My interest in games didn't really spark up again until the faux-musical games exploded in popularity.  I was a Guitar Hero phenom that could devastate nearly anybody.  And a few of the arcade-style games on the Wii would hold my attention.  My Wii, though, saw most of its action in "Virtual Console" mode, where I could play my old 8-bit favorites.  Blades of Steel was a frequent go-to, as was Punch Out. 

Mind you, this was YEARS before the iPhone.  I was shredding up the Guitar Hero with a wonderfully durable Nokia dumbphone in my pocket -- and I was happy about it.  When smartphones DID come around, I think it revealed to us what really worked with games.  

You see, I've noticed that a lot of iOS/Android games that have exploded in popularity of late have really leveraged that old 8-bit style.  Case in point -- Flappy Bird.  This brutally simplistic game came as close to plagiarizing NES graphics as possible: the pipes, the fishy-looking bird, the bright and simple sounds.  There's another game that I enjoyed playing for a while called The Firm.  It reminds me a lot of games I used to play on the old 8086.  

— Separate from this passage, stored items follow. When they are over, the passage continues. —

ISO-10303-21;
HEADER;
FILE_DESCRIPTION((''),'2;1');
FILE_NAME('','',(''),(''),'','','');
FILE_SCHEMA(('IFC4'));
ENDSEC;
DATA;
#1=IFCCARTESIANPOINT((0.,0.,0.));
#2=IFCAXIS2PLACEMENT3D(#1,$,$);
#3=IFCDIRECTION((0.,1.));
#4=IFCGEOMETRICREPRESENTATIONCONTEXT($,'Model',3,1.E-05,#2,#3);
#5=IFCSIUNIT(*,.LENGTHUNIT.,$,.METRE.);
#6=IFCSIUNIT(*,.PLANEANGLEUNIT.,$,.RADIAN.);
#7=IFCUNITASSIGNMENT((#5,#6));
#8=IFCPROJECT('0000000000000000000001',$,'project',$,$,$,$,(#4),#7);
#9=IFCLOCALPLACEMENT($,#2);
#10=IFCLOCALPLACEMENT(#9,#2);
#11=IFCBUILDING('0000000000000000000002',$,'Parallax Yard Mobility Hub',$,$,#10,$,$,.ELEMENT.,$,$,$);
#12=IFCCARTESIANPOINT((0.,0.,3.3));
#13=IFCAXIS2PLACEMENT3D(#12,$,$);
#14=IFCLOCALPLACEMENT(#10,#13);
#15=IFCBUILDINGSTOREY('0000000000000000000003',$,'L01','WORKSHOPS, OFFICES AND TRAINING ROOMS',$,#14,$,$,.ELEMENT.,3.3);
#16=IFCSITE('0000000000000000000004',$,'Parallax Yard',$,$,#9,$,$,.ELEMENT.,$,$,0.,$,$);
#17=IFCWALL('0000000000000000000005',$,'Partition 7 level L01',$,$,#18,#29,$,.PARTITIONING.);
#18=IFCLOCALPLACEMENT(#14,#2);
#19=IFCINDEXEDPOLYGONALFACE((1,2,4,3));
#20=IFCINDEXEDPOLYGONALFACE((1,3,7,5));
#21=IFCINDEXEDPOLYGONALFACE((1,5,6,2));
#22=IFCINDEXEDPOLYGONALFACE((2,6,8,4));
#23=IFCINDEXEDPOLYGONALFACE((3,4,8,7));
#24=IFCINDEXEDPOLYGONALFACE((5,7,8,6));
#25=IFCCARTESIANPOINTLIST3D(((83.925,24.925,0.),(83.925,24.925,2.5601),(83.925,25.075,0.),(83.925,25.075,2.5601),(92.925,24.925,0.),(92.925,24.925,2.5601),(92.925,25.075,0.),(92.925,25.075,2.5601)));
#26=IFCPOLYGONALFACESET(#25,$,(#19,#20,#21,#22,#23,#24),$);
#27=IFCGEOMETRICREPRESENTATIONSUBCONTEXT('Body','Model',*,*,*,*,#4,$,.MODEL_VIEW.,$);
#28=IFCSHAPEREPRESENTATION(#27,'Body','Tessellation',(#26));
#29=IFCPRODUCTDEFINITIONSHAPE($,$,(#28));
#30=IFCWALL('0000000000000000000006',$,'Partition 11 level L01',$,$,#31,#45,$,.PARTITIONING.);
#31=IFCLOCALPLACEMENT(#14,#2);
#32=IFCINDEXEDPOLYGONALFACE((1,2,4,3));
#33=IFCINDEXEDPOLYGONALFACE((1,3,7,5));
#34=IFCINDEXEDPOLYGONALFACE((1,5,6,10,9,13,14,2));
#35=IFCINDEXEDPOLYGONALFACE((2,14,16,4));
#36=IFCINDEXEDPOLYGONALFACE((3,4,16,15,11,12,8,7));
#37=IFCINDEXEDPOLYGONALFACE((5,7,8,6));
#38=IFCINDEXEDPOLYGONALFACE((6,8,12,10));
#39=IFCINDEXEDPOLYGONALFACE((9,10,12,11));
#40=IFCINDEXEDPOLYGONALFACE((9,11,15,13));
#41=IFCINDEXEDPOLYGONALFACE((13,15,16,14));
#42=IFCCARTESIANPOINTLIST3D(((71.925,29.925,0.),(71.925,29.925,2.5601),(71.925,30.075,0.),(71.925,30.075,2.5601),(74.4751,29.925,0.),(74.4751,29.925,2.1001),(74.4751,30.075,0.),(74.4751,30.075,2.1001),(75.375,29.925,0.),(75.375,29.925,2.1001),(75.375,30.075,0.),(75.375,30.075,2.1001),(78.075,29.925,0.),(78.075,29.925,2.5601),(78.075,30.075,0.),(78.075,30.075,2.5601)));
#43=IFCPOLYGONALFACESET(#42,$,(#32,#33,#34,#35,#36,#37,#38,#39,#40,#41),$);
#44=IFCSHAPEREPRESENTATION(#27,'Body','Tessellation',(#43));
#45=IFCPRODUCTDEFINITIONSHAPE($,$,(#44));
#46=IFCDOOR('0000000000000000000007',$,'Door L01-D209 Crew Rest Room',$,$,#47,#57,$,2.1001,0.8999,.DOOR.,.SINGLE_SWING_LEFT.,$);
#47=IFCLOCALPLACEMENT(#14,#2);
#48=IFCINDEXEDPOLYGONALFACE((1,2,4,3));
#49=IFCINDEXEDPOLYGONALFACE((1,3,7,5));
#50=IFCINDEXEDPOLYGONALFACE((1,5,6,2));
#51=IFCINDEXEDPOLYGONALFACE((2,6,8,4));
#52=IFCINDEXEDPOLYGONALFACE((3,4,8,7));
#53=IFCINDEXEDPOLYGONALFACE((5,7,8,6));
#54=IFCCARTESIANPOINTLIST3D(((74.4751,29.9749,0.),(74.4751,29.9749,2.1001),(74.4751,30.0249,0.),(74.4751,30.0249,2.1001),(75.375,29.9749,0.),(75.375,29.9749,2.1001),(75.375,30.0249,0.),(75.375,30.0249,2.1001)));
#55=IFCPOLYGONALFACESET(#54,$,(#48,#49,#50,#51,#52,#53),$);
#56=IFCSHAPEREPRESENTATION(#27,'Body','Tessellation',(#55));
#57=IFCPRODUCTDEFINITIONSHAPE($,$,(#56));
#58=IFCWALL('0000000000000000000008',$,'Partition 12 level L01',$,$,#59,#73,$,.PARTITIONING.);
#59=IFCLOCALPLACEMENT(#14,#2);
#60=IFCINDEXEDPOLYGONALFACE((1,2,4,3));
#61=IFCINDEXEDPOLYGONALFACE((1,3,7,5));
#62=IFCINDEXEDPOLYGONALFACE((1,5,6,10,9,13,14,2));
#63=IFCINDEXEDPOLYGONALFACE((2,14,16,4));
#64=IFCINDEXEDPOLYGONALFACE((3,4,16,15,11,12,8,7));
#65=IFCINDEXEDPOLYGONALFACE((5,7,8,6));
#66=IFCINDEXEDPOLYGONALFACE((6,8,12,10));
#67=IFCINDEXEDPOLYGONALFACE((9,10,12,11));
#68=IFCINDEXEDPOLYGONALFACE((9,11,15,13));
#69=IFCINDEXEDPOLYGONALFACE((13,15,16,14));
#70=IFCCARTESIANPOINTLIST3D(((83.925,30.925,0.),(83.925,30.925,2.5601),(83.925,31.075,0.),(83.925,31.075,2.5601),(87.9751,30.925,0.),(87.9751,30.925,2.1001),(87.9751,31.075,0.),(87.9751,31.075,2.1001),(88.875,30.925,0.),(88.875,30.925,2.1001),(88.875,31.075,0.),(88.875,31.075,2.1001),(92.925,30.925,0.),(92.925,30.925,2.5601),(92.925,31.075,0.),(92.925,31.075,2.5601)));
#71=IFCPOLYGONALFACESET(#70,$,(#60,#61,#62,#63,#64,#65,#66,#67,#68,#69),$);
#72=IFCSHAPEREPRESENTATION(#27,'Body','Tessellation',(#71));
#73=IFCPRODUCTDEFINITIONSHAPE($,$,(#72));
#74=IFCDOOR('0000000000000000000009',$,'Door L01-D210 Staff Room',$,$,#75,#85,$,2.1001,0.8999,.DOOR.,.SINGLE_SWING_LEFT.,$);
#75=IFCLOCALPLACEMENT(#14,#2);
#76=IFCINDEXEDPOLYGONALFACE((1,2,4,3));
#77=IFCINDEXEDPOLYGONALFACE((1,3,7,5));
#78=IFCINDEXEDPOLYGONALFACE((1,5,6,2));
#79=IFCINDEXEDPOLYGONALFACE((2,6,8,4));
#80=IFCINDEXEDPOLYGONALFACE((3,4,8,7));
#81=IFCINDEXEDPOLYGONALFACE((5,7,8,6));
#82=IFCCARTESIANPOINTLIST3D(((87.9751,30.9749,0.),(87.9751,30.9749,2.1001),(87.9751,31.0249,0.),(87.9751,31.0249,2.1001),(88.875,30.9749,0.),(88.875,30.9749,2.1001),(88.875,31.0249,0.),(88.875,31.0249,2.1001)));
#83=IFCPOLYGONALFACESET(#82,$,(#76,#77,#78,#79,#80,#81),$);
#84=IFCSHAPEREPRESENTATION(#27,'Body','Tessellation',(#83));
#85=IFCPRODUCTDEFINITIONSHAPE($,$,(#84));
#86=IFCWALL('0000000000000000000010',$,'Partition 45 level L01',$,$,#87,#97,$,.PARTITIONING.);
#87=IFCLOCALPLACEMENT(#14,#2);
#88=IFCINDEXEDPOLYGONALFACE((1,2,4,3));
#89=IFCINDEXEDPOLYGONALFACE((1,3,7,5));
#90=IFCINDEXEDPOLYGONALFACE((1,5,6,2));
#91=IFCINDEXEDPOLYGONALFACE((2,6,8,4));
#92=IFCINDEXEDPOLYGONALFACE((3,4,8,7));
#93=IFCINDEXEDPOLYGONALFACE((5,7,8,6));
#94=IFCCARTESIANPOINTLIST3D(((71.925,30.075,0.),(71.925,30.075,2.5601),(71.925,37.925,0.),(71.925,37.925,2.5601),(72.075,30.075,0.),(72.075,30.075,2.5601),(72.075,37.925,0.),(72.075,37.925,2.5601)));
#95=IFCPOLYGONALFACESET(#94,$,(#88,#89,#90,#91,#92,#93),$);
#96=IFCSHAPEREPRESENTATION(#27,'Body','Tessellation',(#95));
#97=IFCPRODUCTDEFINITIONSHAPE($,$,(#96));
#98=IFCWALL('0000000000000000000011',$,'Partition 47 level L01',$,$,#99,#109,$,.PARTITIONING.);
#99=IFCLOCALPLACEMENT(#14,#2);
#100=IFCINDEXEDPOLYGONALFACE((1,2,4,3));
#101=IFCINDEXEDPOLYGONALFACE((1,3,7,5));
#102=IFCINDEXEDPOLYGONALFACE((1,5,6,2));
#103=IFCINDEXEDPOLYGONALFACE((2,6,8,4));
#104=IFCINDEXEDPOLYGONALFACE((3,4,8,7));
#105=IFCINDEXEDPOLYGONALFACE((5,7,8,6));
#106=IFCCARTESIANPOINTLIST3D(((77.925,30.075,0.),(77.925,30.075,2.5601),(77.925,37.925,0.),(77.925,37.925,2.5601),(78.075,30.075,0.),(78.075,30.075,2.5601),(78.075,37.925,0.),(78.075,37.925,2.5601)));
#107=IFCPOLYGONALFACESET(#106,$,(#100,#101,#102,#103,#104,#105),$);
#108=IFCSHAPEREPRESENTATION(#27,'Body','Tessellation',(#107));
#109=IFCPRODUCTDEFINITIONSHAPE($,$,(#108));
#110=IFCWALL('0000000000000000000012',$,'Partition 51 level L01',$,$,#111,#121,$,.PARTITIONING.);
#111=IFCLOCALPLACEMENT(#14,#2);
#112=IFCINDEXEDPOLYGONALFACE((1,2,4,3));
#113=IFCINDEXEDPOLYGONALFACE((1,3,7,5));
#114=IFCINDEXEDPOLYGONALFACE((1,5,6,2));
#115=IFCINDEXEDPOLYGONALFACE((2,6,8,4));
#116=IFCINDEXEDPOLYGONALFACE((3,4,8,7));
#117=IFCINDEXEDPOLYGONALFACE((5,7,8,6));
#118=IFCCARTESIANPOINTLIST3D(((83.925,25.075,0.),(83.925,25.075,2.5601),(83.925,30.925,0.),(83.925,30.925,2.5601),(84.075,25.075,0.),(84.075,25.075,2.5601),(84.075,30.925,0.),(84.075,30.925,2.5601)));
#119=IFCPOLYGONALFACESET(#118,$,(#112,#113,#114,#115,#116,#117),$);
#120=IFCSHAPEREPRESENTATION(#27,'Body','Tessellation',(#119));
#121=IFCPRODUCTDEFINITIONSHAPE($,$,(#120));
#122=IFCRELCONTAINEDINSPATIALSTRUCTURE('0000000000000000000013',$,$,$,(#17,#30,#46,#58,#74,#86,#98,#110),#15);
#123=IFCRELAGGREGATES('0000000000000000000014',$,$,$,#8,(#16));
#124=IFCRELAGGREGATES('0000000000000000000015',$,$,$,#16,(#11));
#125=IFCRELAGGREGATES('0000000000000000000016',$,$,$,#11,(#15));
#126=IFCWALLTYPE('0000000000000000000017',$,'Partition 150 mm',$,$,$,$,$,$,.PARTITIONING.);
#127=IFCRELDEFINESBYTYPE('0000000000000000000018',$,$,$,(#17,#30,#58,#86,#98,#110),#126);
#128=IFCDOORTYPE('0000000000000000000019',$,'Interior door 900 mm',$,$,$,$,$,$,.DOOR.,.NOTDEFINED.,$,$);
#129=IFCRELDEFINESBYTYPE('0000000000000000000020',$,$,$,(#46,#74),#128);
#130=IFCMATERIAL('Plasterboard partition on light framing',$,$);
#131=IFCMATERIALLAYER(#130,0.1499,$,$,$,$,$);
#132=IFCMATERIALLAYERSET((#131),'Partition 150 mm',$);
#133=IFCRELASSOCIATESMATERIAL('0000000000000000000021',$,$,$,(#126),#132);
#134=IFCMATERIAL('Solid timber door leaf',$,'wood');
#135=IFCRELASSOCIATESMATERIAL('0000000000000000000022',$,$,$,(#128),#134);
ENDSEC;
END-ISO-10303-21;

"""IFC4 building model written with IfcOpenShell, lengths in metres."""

from ifc_helpers import new_model, si_unit, direction, frame, frame_2d, origin, place, context, subcontext, project, spatial, rectangle, extrude, material, layer, layer_set, type_object, element, fill, save


model = new_model("IFC4")

# Units and contexts
model_context = context("Model", 3, precision=1e-05, world=origin(), true_north=direction((0.0, 1.0)))
body_context = subcontext(model_context, "Body", "Model", "MODEL_VIEW")
ifc_project = project(units=[si_unit("LENGTHUNIT", "METRE"), si_unit("PLANEANGLEUNIT", "RADIAN")], contexts=[model_context])

# Site, building, storey
site_placement = place(None, origin())
site = spatial("IfcSite", under=ifc_project, at=site_placement, Name="Parallax Yard", CompositionType="ELEMENT", RefElevation=0.0)
building_placement = place(site_placement, origin())
building = spatial("IfcBuilding", under=site, at=building_placement, Name="Parallax Yard Mobility Hub", CompositionType="ELEMENT")
storey_placement = place(building_placement, frame((0.0, 0.0, 3.3)))
storey = spatial("IfcBuildingStorey", under=building, at=storey_placement, Name="L01", Description="WORKSHOPS, OFFICES AND TRAINING ROOMS", CompositionType="ELEMENT", Elevation=3.3)

# Wall
ifc_material_1 = material(Name="Plasterboard partition on light framing")
ifc_layer_1 = layer(ifc_material_1, 0.1499)
ifc_layer_set_1 = layer_set([ifc_layer_1], Name="Partition 150 mm")
wall_type = type_object("IfcWallType", Name="Partition 150 mm", PredefinedType="PARTITIONING", material=ifc_layer_set_1)
for number, where, z_axis, x_axis, name in (
    (1, (83.925, 25.0, 0.0), (0.0, 0.0, 1.0), (1.0, 0.0, 0.0), "Partition 7 level L01"),
):
    element("IfcWall", number, at=place(storey_placement, frame(where, z_axis=z_axis, x_axis=x_axis)), inside=storey, type_object=wall_type, Name=name, PredefinedType="PARTITIONING", context=body_context, shape_type="SweptSolid", body=[
        extrude(rectangle(XDim=9.0, YDim=0.1499, at=frame_2d((4.5, 0.0))), origin(), (0.0, 0.0, 1.0), 2.5601),
    ])

# Walls, openings, doors
wall_1_placement = place(storey_placement, frame((71.925, 30.0, 0.0), z_axis=(0.0, 0.0, 1.0), x_axis=(1.0, 0.0, 0.0)))
wall_1 = element("IfcWall", 2, at=wall_1_placement, inside=storey, type_object=wall_type, Name="Partition 11 level L01", PredefinedType="PARTITIONING", context=body_context, shape_type="SweptSolid", body=[
    extrude(rectangle(XDim=6.1499, YDim=0.1499, at=frame_2d((3.075, 0.0))), origin(), (0.0, 0.0, 1.0), 2.5601),
])
opening_1_placement = place(wall_1_placement, frame((2.55, 0.0, 0.0)))
opening_1 = element("IfcOpeningElement", 3, at=opening_1_placement, cuts=wall_1, PredefinedType="OPENING", context=body_context, shape_type="SweptSolid", body=[
    extrude(rectangle(XDim=0.8999, YDim=2.1001, at=frame_2d((0.45, 1.05))), frame((0.0, 0.085, 0.0), z_axis=(0.0, -1.0, 0.0), x_axis=(1.0, 0.0, 0.0)), (0.0, 0.0, 1.0), 0.1699),
])
ifc_material_2 = material(Name="Solid timber door leaf", Category="wood")
door_type = type_object("IfcDoorType", Name="Interior door 900 mm", OperationType="NOTDEFINED", PredefinedType="DOOR", material=ifc_material_2)
door_1_placement = place(opening_1_placement, origin())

This got me to thinking.  What was the major turning point in gaming?  Where did it go wrong?  At least from the perspective of a person like me?  I really pinpoint it to the era of the affordable home PC.  I look back fondly to the Sunday paper inserts from Best Buy and Circuit City, toting ridiculously cheap Packard Bell systems with 15" CRT monitors flanked by cheap speakers.  Even with Windows 3.1 as an operating system, game publishers started to outkick their coverage.  Games like Myst really heralded the end for simpleton gamers like me.  I liked things simple and easy to learn.  Something that was minimal and insanely difficult to master.  I got a lot of mileage out of some Disney-licensed titles as a kid: Matterhorn Screamer and The Chase On Tom Sawyer's Island, the latter being a fanciful Pacman ripoff.  

Games like these didn't have ridiculous resolution capabilities and required very visible pixels to render their sprites.  This look was always very comforting to me.  And in a way, it's great to see it coming back with games like Flappy Bird and the Firm.  But what it really boils down to for me is simplicity in play.  I've really enjoyed the Plants vs Zombies games, and whiled away many hours on Angry Birds until they started to introduce complexities like gravity that overcomplicated things. 

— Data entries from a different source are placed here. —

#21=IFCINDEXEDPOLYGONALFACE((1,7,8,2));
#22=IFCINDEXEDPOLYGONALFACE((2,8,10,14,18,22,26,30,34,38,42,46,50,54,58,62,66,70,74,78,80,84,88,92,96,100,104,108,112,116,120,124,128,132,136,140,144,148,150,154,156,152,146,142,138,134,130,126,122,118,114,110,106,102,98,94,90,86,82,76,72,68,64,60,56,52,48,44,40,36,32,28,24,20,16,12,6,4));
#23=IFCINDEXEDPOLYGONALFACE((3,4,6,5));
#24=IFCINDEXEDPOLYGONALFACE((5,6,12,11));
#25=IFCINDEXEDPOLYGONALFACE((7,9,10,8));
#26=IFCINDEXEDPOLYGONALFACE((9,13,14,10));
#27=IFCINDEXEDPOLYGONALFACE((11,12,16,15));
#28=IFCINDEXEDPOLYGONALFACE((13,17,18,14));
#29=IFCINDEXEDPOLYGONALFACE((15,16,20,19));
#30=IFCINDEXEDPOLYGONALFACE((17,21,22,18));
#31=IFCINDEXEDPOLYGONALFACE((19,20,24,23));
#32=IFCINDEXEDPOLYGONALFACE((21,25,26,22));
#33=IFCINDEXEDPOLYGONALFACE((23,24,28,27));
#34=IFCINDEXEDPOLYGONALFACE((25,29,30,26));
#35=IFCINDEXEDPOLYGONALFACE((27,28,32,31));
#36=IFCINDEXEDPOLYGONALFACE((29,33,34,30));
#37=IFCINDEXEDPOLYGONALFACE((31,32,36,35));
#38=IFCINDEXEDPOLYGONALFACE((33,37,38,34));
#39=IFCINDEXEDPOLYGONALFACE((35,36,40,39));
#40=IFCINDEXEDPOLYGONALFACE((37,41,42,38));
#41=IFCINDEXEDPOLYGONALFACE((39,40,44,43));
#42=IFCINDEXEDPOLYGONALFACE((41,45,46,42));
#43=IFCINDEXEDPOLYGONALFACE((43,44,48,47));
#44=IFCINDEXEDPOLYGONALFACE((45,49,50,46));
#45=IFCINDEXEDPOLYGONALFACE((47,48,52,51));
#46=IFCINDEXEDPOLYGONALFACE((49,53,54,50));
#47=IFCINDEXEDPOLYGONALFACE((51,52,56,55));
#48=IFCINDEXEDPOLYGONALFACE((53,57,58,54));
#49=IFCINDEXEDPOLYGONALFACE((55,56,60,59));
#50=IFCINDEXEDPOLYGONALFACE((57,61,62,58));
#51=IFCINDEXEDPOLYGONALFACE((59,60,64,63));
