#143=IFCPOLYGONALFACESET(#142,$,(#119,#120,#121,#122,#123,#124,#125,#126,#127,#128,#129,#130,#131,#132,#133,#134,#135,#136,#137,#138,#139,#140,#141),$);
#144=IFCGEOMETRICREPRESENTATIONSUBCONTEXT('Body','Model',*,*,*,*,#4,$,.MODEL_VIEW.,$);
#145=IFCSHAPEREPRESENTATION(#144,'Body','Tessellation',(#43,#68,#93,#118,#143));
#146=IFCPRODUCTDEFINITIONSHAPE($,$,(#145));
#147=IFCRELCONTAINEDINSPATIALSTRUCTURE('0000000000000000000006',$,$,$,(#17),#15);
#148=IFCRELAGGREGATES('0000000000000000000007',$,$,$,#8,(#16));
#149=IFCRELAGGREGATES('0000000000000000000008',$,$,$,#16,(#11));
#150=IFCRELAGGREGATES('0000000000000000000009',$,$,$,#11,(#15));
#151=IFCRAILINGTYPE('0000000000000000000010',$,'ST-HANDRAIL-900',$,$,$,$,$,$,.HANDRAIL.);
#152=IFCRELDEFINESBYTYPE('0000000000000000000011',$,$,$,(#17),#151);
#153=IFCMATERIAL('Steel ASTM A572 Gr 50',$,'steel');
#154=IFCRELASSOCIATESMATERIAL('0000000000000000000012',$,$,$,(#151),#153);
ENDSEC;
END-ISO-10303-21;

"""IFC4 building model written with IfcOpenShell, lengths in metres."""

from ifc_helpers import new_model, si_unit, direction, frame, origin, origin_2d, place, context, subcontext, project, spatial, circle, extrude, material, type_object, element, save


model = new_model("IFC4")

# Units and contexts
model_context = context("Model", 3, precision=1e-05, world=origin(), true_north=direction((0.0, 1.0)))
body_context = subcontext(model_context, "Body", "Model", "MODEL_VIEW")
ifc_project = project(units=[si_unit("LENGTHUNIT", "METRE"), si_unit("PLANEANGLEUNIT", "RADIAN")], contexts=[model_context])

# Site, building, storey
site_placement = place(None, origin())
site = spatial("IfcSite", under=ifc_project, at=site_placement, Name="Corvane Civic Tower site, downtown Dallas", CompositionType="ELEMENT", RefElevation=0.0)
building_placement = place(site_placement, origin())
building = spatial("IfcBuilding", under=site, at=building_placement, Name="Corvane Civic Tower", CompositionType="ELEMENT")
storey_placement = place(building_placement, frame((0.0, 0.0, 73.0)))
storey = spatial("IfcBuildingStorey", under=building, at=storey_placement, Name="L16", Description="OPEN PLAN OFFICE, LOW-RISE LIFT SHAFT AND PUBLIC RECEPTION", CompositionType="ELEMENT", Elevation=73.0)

Recently, I've been doing a lot of exploring of Abandonware and developing ideas for a game that I could develop and release to the mobile world.  If you're a Mac user like me, I highly recommend downloading Boxer.  It's a DOS emulator that is extremely well-acquitted when it comes to playing old games.  Certain games require some monkeying with processing power, and you can actually sandbag things pretty well to get them under control with cues from the program of where you're at with processing power (XT, 386, 486, etc).  It's really a lovely program. 

I also recommend doing a google search for "abandonware."  You'll find that just about every game from your childhood is out there for the taking.  You'll be amazed at how well these emulators can recreate the experience.